The “slow march” towards full migration started in 2017 with Red Link’s chosen partner, and DN Series starting to be included two years later. Currently, the system incorporates more than 40 banks in this perennially financially vulnerable South American country.

 

Now, with the DN Series, Red Link and the banks it works with are able to “improve customer experience.” An interesting choice of words to describe something so acrimoniously controversial as introduction of biometrics – fingerprints and facial recognition – into people’s daily lives.

But that’s just what’s been introduced here, to “improve the experience” of a majority of Argentina’s ATM users, and those behind the “improvement” promise better security and efficiency thanks to “remotely optimized and automated processes.”

There’s more that Diebold Nixdorf boasts of – lower costs of cash management, and also something called personalized marketing – “to better engage consumers.”

The last bit of PR fluff sounds like it was inspired by a line not befitting Red Link – but a quote more reminiscent of an exchange from Little Red Riding Hood.
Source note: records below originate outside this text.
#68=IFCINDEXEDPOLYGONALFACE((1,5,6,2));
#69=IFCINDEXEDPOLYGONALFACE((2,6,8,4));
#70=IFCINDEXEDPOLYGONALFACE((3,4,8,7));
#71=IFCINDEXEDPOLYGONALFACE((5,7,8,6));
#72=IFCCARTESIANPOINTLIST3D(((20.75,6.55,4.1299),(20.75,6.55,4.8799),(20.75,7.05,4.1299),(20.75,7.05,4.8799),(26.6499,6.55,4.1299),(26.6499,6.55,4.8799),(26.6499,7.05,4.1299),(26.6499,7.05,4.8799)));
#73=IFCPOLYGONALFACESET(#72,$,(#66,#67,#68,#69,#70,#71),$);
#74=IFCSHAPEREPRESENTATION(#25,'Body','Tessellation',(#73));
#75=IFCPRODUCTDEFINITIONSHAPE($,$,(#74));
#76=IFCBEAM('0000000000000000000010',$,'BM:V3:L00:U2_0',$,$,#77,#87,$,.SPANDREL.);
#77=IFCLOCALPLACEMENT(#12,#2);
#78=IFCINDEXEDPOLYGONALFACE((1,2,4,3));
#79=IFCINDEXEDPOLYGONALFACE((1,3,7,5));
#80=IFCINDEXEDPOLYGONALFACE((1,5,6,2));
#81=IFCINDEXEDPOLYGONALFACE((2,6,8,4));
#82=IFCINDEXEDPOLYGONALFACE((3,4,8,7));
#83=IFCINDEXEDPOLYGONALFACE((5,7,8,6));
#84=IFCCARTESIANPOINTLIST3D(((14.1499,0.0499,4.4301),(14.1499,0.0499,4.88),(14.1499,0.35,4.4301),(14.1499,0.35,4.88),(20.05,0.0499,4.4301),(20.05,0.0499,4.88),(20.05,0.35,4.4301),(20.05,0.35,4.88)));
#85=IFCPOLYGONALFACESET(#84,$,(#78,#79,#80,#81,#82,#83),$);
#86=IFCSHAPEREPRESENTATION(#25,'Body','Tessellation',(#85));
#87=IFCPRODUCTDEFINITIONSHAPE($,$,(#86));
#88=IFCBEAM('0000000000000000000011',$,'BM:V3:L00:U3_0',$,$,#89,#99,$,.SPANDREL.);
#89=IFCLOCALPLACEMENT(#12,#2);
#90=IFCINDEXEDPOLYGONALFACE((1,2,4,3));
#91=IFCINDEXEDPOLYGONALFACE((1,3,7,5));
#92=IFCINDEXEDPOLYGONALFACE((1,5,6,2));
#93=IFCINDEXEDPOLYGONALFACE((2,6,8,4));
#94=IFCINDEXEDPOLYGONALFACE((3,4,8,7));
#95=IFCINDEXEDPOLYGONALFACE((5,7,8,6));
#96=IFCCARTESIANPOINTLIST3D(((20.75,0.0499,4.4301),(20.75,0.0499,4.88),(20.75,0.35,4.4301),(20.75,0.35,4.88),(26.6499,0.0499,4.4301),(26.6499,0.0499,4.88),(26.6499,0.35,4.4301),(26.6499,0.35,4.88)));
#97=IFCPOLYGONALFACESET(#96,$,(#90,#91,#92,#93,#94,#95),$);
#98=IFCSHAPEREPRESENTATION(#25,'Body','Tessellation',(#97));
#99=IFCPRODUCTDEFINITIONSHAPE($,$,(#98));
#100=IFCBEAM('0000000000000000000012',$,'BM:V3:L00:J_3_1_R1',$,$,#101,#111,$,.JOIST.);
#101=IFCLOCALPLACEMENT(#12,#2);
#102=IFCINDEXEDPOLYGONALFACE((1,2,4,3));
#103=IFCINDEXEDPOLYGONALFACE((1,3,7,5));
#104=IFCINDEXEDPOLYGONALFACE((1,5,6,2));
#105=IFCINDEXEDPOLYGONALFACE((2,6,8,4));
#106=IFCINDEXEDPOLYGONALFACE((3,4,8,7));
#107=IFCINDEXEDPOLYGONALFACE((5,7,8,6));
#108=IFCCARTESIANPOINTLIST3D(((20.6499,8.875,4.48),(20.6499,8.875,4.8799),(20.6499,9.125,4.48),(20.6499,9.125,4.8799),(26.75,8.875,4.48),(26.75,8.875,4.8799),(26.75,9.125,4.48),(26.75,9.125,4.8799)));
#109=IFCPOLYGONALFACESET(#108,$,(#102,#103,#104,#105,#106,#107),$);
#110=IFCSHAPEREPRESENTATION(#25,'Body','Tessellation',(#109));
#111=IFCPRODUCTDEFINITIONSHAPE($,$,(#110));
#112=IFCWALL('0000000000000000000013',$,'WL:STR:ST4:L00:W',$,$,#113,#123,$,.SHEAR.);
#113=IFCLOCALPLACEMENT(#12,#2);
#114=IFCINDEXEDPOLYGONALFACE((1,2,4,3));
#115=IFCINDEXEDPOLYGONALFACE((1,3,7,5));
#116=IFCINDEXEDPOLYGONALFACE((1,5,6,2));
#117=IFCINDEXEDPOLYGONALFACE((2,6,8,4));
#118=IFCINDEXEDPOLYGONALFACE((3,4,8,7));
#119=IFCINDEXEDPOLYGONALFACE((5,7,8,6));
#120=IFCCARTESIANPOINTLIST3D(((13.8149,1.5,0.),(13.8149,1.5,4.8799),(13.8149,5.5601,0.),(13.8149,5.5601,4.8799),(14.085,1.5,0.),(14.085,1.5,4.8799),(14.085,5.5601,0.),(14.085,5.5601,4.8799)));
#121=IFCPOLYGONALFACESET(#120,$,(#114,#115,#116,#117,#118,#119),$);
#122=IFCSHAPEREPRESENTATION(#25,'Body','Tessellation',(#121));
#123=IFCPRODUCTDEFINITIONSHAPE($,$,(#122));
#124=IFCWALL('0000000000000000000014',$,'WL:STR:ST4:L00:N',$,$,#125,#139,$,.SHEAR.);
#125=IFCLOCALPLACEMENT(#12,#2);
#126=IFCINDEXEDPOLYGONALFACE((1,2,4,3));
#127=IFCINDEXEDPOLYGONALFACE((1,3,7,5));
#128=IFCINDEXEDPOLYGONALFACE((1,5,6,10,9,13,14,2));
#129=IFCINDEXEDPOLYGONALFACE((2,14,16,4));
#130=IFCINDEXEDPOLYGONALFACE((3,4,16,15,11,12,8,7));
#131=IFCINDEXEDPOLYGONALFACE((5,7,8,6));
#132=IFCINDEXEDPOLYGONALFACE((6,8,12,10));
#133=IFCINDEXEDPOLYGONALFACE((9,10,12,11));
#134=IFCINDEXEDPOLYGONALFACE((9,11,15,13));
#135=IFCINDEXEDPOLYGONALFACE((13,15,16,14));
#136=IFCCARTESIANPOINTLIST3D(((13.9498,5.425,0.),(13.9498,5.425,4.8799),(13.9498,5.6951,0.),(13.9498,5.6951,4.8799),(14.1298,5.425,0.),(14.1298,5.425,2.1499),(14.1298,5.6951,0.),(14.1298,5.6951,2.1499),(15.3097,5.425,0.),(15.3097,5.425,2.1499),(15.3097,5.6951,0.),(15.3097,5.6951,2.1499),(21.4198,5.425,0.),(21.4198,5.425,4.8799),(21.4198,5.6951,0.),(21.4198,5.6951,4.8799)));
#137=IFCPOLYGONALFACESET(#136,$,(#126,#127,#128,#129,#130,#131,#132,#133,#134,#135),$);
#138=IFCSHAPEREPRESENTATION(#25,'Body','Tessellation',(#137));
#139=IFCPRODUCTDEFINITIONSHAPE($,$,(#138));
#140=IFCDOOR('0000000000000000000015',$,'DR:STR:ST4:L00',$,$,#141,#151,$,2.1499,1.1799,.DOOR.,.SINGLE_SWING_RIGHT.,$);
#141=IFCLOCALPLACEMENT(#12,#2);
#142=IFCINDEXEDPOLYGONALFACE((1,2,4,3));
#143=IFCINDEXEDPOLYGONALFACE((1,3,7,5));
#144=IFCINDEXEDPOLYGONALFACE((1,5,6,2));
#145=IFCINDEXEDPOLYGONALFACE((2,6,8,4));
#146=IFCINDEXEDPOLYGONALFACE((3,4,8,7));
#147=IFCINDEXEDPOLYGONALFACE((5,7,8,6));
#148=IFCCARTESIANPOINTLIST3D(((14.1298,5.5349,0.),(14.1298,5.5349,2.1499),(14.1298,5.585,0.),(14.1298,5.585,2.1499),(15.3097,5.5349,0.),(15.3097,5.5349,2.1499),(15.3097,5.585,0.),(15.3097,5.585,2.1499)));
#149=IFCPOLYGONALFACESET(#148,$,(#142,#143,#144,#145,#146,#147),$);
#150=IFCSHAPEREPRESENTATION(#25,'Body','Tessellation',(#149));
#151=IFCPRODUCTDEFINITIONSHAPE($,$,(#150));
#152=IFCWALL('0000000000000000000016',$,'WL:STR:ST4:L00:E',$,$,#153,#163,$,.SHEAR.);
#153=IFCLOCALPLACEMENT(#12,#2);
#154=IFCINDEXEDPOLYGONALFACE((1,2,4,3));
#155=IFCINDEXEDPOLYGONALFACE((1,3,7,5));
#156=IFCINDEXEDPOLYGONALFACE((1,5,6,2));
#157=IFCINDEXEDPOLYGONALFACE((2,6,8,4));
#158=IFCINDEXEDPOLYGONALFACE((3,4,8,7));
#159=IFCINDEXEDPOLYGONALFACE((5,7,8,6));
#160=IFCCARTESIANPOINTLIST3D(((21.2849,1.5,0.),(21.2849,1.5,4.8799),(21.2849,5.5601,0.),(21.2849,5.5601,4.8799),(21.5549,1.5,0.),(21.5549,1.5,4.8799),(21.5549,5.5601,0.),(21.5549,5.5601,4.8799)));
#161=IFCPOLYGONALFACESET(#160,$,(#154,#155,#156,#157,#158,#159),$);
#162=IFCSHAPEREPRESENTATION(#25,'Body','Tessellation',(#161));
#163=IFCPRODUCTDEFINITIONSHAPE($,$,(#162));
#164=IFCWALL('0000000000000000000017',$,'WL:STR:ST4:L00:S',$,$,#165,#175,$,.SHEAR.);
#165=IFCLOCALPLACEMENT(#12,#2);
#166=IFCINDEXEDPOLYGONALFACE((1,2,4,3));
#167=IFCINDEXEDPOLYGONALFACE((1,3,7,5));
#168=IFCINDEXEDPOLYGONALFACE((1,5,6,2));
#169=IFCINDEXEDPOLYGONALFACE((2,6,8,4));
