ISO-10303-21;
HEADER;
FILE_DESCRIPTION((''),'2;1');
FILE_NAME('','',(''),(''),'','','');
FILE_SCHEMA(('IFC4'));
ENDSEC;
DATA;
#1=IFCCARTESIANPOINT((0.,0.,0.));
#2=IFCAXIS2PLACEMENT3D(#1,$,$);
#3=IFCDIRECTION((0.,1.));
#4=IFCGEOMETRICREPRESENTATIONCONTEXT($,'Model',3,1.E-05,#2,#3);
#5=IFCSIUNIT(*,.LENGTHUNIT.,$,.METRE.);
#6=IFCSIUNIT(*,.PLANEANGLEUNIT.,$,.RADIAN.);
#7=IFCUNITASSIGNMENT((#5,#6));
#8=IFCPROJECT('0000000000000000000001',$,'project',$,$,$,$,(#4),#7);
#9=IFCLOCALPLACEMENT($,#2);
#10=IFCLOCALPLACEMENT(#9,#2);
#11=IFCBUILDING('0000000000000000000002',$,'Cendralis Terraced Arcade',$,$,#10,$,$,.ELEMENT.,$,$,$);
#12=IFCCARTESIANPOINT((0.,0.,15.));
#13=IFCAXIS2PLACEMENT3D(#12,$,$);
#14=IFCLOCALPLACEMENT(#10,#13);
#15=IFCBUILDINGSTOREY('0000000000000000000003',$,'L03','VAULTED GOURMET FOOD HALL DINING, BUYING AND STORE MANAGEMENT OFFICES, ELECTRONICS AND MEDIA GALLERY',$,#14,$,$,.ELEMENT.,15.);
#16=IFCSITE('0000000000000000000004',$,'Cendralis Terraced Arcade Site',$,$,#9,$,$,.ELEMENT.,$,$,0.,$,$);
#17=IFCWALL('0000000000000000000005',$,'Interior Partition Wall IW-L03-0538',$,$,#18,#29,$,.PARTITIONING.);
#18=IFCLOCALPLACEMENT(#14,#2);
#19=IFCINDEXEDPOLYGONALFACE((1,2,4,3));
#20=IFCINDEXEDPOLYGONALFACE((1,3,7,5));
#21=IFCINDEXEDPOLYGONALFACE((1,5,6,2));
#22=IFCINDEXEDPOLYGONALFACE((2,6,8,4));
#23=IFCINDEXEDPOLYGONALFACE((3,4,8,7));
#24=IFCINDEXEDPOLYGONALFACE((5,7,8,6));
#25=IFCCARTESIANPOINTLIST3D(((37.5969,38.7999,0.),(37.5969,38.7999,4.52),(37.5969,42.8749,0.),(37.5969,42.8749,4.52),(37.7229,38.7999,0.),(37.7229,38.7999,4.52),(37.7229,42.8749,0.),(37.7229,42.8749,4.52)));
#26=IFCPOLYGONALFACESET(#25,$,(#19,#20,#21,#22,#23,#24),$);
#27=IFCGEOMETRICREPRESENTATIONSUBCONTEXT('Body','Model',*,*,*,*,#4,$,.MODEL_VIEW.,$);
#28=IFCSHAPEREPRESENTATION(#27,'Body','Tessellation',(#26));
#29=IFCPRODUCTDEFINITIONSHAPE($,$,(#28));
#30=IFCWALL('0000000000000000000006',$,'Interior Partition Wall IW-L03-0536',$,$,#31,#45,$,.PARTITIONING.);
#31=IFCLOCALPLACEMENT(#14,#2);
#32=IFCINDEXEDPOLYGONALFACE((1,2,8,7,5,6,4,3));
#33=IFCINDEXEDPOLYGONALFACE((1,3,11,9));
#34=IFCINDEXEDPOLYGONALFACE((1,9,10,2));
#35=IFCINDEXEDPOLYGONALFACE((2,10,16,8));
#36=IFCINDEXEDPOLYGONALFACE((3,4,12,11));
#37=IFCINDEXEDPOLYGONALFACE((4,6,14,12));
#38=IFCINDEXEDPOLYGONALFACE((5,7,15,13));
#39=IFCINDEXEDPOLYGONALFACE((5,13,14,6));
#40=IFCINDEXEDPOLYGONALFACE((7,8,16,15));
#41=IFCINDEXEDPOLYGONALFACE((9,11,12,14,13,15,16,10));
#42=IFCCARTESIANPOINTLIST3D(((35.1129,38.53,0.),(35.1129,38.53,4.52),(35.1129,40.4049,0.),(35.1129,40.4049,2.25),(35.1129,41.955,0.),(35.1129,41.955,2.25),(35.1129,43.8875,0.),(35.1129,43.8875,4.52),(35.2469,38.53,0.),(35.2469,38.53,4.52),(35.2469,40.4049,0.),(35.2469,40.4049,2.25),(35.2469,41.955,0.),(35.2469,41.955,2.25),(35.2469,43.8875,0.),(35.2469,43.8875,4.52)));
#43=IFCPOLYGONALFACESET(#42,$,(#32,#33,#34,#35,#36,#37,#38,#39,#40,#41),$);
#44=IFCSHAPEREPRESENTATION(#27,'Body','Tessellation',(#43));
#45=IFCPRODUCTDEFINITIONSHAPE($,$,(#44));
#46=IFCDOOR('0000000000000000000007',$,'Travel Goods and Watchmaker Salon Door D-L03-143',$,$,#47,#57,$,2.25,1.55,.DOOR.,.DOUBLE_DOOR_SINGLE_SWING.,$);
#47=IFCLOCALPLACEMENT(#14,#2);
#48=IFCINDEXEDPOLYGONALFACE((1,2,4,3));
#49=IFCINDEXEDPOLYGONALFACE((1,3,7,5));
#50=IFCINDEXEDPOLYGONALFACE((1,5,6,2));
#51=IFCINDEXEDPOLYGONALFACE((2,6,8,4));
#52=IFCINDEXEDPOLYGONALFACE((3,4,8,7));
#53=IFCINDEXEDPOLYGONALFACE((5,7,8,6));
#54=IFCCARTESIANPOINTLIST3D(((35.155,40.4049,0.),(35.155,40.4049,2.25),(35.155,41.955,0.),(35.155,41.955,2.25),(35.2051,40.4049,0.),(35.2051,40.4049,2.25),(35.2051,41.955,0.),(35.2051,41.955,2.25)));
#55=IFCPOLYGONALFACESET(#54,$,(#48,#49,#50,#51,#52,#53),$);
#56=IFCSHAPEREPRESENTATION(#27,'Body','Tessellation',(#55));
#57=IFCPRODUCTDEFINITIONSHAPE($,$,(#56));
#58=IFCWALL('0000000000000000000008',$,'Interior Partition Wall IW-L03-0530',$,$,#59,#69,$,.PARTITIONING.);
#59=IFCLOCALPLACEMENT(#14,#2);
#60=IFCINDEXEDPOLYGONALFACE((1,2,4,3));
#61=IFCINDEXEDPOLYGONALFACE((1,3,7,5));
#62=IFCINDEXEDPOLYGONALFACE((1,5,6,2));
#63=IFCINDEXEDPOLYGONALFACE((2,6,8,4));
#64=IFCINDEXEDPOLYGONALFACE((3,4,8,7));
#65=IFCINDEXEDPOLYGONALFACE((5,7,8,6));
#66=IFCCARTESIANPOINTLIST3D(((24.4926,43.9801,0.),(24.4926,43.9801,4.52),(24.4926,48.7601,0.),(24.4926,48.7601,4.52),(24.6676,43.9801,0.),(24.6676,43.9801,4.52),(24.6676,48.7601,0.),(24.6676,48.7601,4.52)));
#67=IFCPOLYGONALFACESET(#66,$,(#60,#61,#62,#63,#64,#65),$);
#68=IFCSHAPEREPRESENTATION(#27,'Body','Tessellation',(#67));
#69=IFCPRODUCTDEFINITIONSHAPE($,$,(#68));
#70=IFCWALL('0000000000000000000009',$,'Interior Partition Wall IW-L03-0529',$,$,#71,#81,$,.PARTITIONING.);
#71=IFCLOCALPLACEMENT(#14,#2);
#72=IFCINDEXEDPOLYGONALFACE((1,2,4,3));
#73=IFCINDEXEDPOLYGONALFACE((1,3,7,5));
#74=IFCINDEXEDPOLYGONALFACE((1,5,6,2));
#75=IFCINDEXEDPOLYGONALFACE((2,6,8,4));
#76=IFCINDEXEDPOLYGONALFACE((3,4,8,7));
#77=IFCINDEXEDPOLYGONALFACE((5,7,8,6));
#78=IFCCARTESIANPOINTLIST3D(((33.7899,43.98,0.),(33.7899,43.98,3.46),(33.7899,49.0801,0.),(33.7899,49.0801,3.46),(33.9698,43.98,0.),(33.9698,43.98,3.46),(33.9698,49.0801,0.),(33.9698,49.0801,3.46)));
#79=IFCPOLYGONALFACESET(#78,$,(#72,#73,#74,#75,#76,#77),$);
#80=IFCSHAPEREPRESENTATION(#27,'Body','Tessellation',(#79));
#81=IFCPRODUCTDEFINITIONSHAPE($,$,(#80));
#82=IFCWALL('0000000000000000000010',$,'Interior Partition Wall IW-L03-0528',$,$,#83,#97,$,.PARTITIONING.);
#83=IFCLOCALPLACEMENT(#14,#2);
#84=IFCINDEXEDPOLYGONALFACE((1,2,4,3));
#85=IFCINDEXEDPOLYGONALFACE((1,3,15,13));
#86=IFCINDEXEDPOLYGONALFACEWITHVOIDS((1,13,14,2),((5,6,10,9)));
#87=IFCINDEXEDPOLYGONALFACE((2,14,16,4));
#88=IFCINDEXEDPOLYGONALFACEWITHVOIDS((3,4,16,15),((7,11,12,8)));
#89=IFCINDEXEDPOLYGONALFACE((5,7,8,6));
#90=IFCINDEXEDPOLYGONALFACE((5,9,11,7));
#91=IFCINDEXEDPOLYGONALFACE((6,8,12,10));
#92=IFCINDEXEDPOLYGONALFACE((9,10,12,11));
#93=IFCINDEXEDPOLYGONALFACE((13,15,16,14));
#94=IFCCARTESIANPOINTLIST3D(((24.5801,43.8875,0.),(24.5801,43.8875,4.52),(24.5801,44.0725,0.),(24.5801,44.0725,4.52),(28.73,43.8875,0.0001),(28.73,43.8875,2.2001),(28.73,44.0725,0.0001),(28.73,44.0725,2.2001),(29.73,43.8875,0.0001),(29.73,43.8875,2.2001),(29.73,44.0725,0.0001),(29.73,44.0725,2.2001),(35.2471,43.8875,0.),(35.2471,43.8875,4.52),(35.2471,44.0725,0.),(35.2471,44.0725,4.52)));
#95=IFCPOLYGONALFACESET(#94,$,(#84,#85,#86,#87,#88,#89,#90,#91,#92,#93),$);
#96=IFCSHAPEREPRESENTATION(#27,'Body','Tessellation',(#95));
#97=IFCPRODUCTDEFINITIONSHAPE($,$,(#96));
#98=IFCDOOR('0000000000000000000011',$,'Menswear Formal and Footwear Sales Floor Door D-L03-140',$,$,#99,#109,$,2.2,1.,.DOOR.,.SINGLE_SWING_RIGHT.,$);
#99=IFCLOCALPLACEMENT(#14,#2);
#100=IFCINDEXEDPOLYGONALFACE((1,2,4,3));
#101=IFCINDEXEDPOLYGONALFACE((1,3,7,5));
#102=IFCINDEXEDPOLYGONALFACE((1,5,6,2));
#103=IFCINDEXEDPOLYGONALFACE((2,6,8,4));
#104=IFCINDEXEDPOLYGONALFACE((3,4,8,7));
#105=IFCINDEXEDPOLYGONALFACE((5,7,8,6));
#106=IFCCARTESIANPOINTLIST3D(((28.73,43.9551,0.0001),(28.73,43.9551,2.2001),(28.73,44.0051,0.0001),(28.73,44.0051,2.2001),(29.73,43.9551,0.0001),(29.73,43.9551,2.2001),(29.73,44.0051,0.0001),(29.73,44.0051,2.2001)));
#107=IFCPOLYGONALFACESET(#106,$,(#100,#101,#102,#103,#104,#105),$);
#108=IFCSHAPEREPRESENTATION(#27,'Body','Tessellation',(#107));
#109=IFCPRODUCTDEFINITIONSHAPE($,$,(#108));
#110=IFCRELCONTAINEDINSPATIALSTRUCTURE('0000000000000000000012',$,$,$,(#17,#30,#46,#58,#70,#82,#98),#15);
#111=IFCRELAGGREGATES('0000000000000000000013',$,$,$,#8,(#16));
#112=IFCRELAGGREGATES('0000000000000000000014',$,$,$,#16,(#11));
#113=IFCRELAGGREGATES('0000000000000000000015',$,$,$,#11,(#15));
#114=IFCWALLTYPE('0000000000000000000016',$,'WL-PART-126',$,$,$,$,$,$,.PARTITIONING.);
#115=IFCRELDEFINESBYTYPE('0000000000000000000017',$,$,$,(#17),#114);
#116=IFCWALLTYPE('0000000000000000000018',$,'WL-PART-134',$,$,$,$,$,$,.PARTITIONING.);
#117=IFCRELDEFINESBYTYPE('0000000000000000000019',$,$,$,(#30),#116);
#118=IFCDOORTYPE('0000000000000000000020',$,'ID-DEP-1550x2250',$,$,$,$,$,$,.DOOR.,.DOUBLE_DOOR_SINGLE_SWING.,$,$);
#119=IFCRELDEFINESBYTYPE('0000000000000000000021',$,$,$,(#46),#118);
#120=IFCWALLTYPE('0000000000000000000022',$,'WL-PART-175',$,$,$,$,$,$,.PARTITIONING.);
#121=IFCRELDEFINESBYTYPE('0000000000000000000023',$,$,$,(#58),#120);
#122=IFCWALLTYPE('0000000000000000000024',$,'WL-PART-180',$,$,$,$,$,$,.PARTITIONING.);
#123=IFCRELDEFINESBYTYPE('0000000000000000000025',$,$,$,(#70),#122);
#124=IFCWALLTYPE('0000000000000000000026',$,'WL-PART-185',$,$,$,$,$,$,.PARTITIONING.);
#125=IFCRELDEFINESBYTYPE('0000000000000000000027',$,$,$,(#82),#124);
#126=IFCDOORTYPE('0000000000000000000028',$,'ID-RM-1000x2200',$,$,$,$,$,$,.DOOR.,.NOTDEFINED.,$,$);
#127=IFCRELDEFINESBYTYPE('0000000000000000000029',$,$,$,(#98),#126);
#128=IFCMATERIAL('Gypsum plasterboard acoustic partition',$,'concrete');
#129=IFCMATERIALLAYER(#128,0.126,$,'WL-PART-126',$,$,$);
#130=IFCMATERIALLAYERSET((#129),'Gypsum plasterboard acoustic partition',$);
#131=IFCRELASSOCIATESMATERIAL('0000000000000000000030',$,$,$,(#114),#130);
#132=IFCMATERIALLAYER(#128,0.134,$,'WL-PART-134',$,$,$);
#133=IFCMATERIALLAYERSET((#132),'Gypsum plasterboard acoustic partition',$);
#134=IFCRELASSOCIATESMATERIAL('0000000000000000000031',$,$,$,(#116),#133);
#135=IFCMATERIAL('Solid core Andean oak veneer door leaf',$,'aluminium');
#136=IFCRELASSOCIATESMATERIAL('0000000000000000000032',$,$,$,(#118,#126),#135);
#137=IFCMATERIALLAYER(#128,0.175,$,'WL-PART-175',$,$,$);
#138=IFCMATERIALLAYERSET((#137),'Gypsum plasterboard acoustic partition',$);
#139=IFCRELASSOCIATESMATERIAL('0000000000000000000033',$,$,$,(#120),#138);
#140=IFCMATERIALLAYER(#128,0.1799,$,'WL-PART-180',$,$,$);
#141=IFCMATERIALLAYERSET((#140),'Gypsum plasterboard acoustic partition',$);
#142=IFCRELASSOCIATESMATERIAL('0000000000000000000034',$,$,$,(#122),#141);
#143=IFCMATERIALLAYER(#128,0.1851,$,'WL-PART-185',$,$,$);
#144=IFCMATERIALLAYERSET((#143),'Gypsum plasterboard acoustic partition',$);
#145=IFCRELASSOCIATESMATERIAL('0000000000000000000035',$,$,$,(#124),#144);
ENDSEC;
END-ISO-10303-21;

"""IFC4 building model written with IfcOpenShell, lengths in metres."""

from ifc_helpers import new_model, si_unit, direction, frame, frame_2d, origin, place, context, subcontext, project, spatial, rectangle, extrude, material, layer, layer_set, type_object, element, fill, save


model = new_model("IFC4")

# Units and contexts
model_context = context("Model", 3, precision=1e-05, world=origin(), true_north=direction((0.0, 1.0)))
body_context = subcontext(model_context, "Body", "Model", "MODEL_VIEW")
ifc_project = project(units=[si_unit("LENGTHUNIT", "METRE"), si_unit("PLANEANGLEUNIT", "RADIAN")], contexts=[model_context])

# Site, building, storey
site_placement = place(None, origin())
site = spatial("IfcSite", under=ifc_project, at=site_placement, Name="Cendralis Terraced Arcade Site", CompositionType="ELEMENT", RefElevation=0.0)
building_placement = place(site_placement, origin())
building = spatial("IfcBuilding", under=site, at=building_placement, Name="Cendralis Terraced Arcade", CompositionType="ELEMENT")
storey_placement = place(building_placement, frame((0.0, 0.0, 15.0)))
storey = spatial("IfcBuildingStorey", under=building, at=storey_placement, Name="L03", Description="VAULTED GOURMET FOOD HALL DINING, BUYING AND STORE MANAGEMENT OFFICES, ELECTRONICS AND MEDIA GALLERY", CompositionType="ELEMENT", Elevation=15.0)

# Wall
ifc_material_1 = material(Name="Gypsum plasterboard acoustic partition", Category="concrete")
ifc_layer_1 = layer(ifc_material_1, 0.126, Name="WL-PART-126")
ifc_layer_set_1 = layer_set([ifc_layer_1], Name="Gypsum plasterboard acoustic partition")
wall_type_1 = type_object("IfcWallType", Name="WL-PART-126", PredefinedType="PARTITIONING", material=ifc_layer_set_1)
wall_1_placement = place(storey_placement, frame((37.6599, 42.875, 0.0), z_axis=(0.0, 0.0, 1.0), x_axis=(0.0, -1.0, 0.0)))
element("IfcWall", 1, at=wall_1_placement, inside=storey, type_object=wall_type_1, Name="Interior Partition Wall IW-L03-0538", PredefinedType="PARTITIONING", context=body_context, shape_type="SweptSolid", body=[
    extrude(rectangle(XDim=4.075, YDim=0.126, at=frame_2d((2.0376, 0.0))), origin(), (0.0, 0.0, 1.0), 4.52),
])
And, skeptics would say, this is also a way to make sure that if people are going to use cash after all – they need to be developed and implemented, and there are – ways to still track and surveil their financial activities.

Red Link’ senior product owner Maximiliano Perez Wallace couldn’t disagree more – at least in his public statements about this latest development.

“Red Link’s partnership with Diebold Nixdorf has enabled us to become the leading technological partner for banks in Argentina,” Wallace said, adding: “After nearly six years of working together, the trust and collaboration achieved among the technical, operational, commercial and management teams have allowed us to build on this relationship to ensure customers in Argentina have access to the most advanced and secure banking solutions in the country.”